“Is it a book that you would even wish your wife or your servants to read?”
This was the question famously asked by prosecutor Mervyn Griffith-Jones to the Old Bailey jury at the obscenity trial for Lady Chatterley’s Lover.
Griffith-Jones’ implication was that the book should be available for the pleasure of men of a certain class. But he was at pains to suggest that the morally vulnerable working class and the equally “intellectually and morally fragile” female readers should be protected from being exposed to the novel. The jury laughed: three of them were women and most of them were working class men who would have found the idea of having live-in servants extraordinary.
Griffith-Jones’ question has lived on in infamy, but it was the only time during the trial that he actually mentioned wives and servants. Much of his case relied on the fear that the book would make it into the hands of working-class boys. It is clear that the prosecution was targeting the already marginalised members of society.
The principle that the authorities would wish to ban publication of a text for a mass audience that it would happily allow for a privileged readership has since been given the term ‘variable obscenity’ (Hunter et al. 1993): it is obscene for the poor, but not for the privileged.
We can see the same principle of variability in some attitudes towards pupils receiving a knowledge-rich education. It is often the case that such attitudes are displayed by people privileged enough to be rich with knowledge themselves.
Take for example, this letter to Michael Gove, signed by 100 education academics, urging him to change his proposed knowledge-rich curriculum to one of “problem-solving, critical understanding and creativity”. Such academics have achieved their status through an accumulation of knowledge within their field: their ability to problem solve, think critically and be creative is a function of that wealth of knowledge, as Daniel Willingham suggests here.
Or when this headteacher decried how he “suffered” a grammar school education “constricted by academic content” and, elsewhere, complained that an “emphasis on content and knowledge over creativity and enjoyment” gives us a curriculum that “both pupils and teachers are bored with”. One can’t help but notice that such an academic education set him up on his path to be a successful headteacher and writer. Why is this content-rich curriculum not desirable for our pupils too?
Or what about earlier this month when a Stanford professor told us that education isn’t about knowing things because “in today’s world, when information is at our fingertips, we don’t need to go to school to learn facts and figures — a quick Google search, a glance at Wikipedia, or a question posed to Siri will usually result in answers to specific questions.” Do you get to be a Stanford professor with Google, Wikipedia and Siri, or is that just an education reserved for the rest of us?
You don’t have to look very far to find successful people privileged with deep and broad knowledge in their domains telling us that kids should prioritise soft skills like creativity over knowledge.
In such a way, they seem to echo the attitude of Griffith-Jones and the idea that a work of literature is of variable obscenity.
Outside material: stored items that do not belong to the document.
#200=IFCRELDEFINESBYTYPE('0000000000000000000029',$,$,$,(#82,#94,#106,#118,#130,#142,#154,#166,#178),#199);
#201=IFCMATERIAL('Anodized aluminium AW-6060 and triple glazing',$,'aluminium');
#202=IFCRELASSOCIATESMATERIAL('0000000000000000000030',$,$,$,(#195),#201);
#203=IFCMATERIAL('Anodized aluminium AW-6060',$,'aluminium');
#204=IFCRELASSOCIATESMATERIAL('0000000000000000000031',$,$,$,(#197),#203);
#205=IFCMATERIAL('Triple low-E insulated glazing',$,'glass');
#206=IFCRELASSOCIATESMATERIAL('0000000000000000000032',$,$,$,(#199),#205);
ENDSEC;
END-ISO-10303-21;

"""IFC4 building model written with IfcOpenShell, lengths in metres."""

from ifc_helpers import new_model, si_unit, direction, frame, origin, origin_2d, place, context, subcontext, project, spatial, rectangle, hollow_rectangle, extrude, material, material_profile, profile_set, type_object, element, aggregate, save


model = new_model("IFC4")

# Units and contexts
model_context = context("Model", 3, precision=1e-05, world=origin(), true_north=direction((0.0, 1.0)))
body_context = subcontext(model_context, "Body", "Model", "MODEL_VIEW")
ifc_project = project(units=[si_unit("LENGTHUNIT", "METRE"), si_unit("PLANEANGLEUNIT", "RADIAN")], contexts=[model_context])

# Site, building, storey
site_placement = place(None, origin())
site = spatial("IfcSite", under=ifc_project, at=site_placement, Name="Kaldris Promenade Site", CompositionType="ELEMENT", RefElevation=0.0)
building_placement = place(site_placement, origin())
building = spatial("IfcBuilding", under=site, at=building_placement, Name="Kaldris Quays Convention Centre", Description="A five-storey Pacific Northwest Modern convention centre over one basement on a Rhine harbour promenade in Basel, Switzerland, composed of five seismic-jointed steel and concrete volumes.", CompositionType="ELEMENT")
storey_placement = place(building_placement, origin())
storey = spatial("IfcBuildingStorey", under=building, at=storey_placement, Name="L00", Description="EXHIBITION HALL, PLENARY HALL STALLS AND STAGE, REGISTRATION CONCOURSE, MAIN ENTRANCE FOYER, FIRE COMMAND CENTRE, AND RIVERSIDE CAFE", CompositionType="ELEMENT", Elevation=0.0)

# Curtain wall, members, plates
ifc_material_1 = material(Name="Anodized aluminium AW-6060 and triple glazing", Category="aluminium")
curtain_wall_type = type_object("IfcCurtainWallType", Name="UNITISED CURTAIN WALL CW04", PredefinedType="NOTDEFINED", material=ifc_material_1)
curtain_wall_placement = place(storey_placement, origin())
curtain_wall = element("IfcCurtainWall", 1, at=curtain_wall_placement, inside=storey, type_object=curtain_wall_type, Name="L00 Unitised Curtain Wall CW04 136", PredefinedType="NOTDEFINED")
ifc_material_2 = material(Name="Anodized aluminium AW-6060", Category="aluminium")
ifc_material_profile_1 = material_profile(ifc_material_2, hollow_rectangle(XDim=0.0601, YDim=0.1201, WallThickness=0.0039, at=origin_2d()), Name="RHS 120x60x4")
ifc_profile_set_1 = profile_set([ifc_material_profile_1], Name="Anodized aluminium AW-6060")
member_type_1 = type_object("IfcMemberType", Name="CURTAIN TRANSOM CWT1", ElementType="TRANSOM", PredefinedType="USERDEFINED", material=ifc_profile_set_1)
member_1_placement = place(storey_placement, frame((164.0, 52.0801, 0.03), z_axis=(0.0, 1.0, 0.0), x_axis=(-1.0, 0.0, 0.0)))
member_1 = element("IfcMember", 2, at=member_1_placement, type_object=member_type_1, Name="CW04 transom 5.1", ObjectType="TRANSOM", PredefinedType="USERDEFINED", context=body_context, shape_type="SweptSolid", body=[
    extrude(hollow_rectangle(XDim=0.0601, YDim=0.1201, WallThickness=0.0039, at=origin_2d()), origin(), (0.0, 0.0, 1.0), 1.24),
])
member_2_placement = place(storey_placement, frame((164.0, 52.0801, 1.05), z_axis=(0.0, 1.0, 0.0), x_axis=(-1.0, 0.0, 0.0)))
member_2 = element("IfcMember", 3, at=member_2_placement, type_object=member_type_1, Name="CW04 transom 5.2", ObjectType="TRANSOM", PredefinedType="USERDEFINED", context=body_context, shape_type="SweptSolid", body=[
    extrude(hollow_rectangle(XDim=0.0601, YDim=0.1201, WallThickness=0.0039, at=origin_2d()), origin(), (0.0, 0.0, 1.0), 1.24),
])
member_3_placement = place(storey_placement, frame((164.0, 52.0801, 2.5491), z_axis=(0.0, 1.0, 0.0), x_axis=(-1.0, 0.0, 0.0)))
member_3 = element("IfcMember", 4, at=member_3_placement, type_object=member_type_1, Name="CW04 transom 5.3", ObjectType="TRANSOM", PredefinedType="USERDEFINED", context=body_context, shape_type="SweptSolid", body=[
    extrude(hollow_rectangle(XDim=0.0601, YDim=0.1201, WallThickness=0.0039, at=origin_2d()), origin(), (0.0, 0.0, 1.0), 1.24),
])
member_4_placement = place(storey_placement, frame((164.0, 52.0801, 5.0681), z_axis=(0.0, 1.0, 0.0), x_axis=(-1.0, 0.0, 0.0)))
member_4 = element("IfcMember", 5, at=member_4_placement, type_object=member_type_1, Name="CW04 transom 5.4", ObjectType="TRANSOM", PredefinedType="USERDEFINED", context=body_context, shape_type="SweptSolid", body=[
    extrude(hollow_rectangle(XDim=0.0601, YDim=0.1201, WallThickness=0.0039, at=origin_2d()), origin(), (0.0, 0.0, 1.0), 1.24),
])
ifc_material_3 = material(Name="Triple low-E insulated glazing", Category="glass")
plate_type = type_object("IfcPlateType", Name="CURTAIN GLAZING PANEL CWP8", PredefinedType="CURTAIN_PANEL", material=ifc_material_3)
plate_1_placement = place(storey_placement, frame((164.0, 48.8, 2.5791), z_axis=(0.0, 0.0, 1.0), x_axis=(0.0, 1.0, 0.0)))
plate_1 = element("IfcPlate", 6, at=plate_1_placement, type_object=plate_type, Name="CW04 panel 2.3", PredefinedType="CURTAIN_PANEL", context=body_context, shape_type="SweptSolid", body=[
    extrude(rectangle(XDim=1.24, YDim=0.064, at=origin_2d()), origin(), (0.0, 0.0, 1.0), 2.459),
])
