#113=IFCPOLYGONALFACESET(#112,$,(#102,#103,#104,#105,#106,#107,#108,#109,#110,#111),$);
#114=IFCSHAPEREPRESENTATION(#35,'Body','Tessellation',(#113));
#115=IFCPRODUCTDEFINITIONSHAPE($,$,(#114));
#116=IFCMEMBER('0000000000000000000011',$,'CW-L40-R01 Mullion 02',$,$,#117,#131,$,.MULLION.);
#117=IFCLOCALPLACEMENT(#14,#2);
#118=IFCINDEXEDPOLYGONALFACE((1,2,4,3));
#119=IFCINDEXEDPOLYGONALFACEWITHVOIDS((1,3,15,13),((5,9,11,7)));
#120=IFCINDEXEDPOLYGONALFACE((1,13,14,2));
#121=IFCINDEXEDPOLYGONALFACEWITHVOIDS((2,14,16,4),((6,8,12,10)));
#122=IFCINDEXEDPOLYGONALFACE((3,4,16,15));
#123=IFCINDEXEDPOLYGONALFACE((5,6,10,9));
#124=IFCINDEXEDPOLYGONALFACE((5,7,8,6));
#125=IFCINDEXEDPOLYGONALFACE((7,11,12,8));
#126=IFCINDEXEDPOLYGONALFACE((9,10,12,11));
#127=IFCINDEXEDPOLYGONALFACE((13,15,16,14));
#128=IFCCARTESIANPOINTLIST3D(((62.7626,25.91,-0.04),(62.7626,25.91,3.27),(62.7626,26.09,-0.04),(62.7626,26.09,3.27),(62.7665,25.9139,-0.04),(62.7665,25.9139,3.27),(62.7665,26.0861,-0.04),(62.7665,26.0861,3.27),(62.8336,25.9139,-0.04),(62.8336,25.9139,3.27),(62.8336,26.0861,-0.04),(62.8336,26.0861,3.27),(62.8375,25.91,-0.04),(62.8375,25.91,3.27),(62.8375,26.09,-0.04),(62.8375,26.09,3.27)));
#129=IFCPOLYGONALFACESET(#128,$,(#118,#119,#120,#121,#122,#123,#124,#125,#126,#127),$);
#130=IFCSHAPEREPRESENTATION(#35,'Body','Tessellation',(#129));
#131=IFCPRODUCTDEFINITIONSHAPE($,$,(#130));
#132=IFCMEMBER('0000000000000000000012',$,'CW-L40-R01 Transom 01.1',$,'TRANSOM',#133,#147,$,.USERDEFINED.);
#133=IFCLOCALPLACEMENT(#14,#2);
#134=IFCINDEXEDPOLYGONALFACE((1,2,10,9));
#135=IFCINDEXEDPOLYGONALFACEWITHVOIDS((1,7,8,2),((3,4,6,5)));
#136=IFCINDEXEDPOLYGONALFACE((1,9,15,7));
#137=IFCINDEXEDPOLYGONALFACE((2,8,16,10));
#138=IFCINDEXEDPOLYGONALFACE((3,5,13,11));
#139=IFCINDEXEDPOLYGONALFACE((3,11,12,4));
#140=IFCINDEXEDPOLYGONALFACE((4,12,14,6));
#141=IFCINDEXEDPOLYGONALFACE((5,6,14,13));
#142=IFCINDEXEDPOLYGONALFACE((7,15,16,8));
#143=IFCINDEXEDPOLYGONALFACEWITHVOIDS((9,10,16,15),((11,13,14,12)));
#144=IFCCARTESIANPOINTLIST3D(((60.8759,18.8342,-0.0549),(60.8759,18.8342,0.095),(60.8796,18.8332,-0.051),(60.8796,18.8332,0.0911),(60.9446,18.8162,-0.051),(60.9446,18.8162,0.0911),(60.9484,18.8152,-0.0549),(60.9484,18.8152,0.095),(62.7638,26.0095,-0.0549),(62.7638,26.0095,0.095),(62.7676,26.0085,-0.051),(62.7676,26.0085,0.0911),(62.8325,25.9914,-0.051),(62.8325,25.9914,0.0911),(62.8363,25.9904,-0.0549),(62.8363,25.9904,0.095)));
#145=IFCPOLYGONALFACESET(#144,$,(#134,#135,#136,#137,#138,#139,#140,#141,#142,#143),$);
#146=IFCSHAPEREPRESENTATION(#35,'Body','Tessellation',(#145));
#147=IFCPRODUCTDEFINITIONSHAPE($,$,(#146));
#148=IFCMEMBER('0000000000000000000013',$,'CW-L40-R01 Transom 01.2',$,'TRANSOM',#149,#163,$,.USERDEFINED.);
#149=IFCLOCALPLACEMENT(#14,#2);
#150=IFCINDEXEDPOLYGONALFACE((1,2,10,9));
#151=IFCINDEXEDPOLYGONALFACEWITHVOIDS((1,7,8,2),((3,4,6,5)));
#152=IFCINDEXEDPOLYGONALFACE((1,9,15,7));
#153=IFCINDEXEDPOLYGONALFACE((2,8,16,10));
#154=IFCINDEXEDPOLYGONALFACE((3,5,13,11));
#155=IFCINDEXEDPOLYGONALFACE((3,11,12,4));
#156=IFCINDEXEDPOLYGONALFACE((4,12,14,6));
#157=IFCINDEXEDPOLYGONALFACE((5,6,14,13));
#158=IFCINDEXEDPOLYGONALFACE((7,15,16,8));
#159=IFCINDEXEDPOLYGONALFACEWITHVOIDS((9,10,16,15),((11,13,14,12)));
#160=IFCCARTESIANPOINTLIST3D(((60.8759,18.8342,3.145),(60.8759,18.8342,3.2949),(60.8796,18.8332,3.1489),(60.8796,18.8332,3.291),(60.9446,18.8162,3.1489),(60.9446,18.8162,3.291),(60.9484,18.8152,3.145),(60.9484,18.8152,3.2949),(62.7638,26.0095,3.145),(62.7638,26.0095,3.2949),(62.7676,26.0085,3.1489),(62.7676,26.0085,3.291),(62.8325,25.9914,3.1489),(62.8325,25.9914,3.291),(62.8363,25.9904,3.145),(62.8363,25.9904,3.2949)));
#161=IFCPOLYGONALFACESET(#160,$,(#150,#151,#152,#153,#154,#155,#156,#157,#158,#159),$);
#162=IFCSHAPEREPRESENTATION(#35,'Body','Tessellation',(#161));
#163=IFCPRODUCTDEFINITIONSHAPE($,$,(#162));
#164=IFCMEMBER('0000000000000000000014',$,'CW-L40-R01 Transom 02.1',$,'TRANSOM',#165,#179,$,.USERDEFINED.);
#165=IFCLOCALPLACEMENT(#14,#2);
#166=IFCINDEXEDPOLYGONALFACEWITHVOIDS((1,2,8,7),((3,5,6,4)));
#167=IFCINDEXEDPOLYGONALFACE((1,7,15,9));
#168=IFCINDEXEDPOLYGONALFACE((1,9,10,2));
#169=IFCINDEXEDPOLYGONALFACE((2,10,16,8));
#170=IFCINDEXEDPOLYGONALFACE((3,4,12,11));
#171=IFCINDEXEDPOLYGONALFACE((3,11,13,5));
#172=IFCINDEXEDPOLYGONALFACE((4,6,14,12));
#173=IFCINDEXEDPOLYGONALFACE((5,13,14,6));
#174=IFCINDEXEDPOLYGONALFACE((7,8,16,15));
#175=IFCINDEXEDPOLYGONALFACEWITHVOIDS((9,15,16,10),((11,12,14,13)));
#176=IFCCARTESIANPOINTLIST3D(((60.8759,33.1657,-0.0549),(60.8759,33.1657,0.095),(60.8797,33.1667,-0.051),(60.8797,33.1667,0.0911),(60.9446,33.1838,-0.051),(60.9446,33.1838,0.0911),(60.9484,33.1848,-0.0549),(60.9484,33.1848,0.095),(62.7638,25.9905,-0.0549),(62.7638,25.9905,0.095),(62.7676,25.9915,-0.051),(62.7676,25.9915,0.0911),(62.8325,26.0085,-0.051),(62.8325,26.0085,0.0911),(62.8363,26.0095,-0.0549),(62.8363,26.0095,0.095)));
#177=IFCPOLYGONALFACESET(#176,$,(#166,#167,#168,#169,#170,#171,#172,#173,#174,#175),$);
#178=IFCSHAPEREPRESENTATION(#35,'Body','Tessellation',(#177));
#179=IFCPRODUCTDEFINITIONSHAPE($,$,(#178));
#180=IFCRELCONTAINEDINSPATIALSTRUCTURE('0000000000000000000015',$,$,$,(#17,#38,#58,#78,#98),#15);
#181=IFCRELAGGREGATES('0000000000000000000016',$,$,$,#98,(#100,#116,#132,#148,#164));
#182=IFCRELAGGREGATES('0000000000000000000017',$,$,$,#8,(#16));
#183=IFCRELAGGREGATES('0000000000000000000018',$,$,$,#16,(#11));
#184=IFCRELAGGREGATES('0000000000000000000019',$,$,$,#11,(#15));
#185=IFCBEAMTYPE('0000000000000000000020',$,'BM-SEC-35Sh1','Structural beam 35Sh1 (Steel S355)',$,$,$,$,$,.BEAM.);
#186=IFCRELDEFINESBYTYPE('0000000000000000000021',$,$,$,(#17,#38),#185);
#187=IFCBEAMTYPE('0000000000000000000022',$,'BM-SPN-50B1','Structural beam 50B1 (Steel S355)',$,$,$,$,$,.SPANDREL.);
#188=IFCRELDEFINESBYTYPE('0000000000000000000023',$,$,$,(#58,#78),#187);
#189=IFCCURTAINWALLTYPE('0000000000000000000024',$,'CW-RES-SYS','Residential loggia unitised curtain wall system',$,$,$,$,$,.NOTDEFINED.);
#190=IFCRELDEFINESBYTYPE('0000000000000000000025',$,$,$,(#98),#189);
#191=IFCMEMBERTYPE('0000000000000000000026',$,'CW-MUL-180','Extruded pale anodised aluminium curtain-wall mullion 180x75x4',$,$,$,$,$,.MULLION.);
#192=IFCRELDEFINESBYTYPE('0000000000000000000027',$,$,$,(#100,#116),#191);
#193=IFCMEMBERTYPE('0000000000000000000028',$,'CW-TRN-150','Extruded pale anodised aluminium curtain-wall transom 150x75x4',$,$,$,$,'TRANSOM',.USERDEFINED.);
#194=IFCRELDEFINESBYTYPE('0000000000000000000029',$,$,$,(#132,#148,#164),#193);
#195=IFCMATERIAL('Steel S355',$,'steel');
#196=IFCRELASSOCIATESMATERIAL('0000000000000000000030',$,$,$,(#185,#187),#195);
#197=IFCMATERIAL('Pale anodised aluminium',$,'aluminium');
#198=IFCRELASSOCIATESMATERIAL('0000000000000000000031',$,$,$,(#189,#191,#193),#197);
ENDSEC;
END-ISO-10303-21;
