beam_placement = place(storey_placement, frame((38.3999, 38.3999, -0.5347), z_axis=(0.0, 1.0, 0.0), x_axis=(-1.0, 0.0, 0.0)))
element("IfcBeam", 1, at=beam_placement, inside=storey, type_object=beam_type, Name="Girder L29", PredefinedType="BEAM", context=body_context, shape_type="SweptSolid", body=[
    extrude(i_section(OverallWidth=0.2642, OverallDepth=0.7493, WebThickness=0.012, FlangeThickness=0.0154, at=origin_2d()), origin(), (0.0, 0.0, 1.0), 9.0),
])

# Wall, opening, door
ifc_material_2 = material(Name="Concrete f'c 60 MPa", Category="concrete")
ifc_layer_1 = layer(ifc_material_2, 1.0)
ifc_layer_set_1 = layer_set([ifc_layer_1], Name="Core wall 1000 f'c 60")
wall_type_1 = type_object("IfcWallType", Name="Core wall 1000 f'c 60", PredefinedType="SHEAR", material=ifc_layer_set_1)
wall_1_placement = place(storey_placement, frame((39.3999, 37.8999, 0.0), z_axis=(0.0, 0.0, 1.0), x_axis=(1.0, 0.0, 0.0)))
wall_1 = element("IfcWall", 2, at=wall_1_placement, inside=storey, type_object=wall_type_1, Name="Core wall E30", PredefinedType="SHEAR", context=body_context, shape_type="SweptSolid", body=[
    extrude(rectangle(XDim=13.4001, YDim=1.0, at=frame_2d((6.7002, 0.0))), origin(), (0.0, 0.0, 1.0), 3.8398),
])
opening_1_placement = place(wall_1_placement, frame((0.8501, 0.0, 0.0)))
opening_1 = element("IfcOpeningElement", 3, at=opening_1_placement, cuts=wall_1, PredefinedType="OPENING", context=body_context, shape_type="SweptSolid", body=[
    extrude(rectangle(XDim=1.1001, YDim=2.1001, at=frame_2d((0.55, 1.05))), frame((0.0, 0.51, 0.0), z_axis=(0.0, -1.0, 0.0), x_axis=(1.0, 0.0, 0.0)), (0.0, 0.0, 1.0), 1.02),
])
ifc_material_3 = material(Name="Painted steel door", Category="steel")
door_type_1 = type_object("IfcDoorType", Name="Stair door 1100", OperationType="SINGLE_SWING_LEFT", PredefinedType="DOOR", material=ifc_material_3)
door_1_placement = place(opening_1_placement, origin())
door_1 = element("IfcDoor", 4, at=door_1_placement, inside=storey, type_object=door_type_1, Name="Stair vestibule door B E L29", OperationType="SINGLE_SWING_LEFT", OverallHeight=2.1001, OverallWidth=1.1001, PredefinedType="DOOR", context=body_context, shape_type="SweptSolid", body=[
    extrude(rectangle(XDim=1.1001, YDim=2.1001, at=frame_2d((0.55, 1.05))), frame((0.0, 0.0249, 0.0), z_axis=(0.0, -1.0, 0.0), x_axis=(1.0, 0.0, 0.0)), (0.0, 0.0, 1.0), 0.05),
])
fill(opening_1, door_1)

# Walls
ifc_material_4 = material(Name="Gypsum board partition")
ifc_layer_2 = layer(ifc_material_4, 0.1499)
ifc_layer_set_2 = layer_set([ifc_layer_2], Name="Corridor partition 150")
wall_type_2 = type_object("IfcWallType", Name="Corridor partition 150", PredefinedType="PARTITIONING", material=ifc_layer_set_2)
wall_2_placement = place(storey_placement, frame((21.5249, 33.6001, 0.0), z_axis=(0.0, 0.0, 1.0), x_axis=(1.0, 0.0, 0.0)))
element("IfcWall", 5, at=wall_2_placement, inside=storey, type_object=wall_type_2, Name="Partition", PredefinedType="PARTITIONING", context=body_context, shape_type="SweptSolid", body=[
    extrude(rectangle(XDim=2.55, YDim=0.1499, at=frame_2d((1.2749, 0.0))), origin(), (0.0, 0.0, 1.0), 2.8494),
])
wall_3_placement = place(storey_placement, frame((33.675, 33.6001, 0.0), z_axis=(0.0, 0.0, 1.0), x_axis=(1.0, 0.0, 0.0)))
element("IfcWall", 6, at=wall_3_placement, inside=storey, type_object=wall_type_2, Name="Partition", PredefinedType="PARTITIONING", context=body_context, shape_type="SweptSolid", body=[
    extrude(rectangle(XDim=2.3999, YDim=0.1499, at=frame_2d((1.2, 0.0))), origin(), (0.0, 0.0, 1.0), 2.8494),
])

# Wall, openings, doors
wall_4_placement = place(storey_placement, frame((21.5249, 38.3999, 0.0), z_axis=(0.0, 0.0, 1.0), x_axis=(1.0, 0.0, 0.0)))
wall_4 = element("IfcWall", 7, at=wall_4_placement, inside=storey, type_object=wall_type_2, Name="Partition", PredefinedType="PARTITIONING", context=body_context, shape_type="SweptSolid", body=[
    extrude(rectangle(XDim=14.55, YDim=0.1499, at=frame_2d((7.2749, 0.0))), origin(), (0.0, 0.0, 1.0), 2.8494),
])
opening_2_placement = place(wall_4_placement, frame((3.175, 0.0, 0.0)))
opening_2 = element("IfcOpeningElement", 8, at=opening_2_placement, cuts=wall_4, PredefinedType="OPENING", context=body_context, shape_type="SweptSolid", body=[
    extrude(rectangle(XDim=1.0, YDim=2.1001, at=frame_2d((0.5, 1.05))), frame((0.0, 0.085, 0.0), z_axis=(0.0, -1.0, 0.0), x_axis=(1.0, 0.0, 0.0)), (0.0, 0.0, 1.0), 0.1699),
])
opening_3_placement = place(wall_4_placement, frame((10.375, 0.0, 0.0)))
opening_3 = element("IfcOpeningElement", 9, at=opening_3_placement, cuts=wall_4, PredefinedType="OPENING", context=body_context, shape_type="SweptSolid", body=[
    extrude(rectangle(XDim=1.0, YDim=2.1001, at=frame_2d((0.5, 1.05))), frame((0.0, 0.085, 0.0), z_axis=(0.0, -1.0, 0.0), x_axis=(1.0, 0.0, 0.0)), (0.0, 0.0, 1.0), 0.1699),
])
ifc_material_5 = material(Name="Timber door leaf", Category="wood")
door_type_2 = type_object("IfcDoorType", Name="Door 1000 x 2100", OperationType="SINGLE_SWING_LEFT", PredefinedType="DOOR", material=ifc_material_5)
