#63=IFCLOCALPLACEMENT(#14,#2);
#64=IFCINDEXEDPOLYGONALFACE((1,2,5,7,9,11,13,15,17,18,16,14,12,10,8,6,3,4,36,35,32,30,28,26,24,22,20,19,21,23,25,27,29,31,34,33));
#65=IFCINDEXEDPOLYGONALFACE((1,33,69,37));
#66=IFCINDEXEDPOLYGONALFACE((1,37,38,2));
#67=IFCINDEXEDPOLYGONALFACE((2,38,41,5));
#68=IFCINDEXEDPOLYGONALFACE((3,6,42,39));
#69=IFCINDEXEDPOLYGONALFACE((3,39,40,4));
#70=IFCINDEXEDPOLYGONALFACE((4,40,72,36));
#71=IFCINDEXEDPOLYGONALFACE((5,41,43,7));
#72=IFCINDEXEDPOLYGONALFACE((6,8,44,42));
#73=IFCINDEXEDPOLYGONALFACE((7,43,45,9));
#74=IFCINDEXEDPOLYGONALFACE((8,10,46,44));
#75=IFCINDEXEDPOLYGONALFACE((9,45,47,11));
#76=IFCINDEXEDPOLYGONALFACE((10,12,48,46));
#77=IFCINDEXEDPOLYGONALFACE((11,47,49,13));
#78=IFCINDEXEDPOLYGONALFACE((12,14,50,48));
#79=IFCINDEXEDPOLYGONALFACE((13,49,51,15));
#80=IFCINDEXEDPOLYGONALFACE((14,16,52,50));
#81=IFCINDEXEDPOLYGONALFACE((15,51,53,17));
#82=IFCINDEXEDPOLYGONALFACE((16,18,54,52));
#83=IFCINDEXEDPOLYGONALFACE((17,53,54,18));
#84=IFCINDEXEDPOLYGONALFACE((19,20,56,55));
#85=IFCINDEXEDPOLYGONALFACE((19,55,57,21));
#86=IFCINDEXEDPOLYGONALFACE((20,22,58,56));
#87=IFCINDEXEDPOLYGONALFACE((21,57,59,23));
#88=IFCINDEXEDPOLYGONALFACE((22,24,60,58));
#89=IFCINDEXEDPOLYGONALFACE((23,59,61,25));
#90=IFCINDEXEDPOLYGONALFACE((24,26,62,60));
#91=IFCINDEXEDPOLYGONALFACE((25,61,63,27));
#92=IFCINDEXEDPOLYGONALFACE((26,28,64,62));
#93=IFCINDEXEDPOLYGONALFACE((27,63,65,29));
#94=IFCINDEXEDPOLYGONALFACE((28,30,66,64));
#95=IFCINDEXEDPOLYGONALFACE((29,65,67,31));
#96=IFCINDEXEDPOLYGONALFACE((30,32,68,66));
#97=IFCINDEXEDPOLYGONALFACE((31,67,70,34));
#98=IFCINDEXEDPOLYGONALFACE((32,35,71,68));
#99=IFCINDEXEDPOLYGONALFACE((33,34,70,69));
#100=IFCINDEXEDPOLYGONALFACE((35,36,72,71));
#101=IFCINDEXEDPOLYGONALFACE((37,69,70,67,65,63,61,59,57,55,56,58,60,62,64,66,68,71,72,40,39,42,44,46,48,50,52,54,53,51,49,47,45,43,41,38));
Just as society’s privileged back then suggested that the book in question was acceptable for them but not for the general public, so the academically privileged seem to suggest that a rich knowledge is something they can cope with, but is detrimental to the young.
I’d even suggest that not only have such people coped with learning an abundance of knowledge, this beautiful, rich knowledge has been the key to their success.
Next time a successful educationalist decries a focus on domain knowledge and extols the virtues of soft skills in its place, ask yourself: how much knowledge did they need to build to get where they are today? What facts did they need to learn? What knowledge did they need to commit to memory? How much repetition and revisiting did they need to undertake in order to remember, manipulate and apply this knowledge? How much content did they need to study? How many books did they need to read? And are any of those books ones that you would wish your pupils to read? Or should we hold our pupils to a variable standard?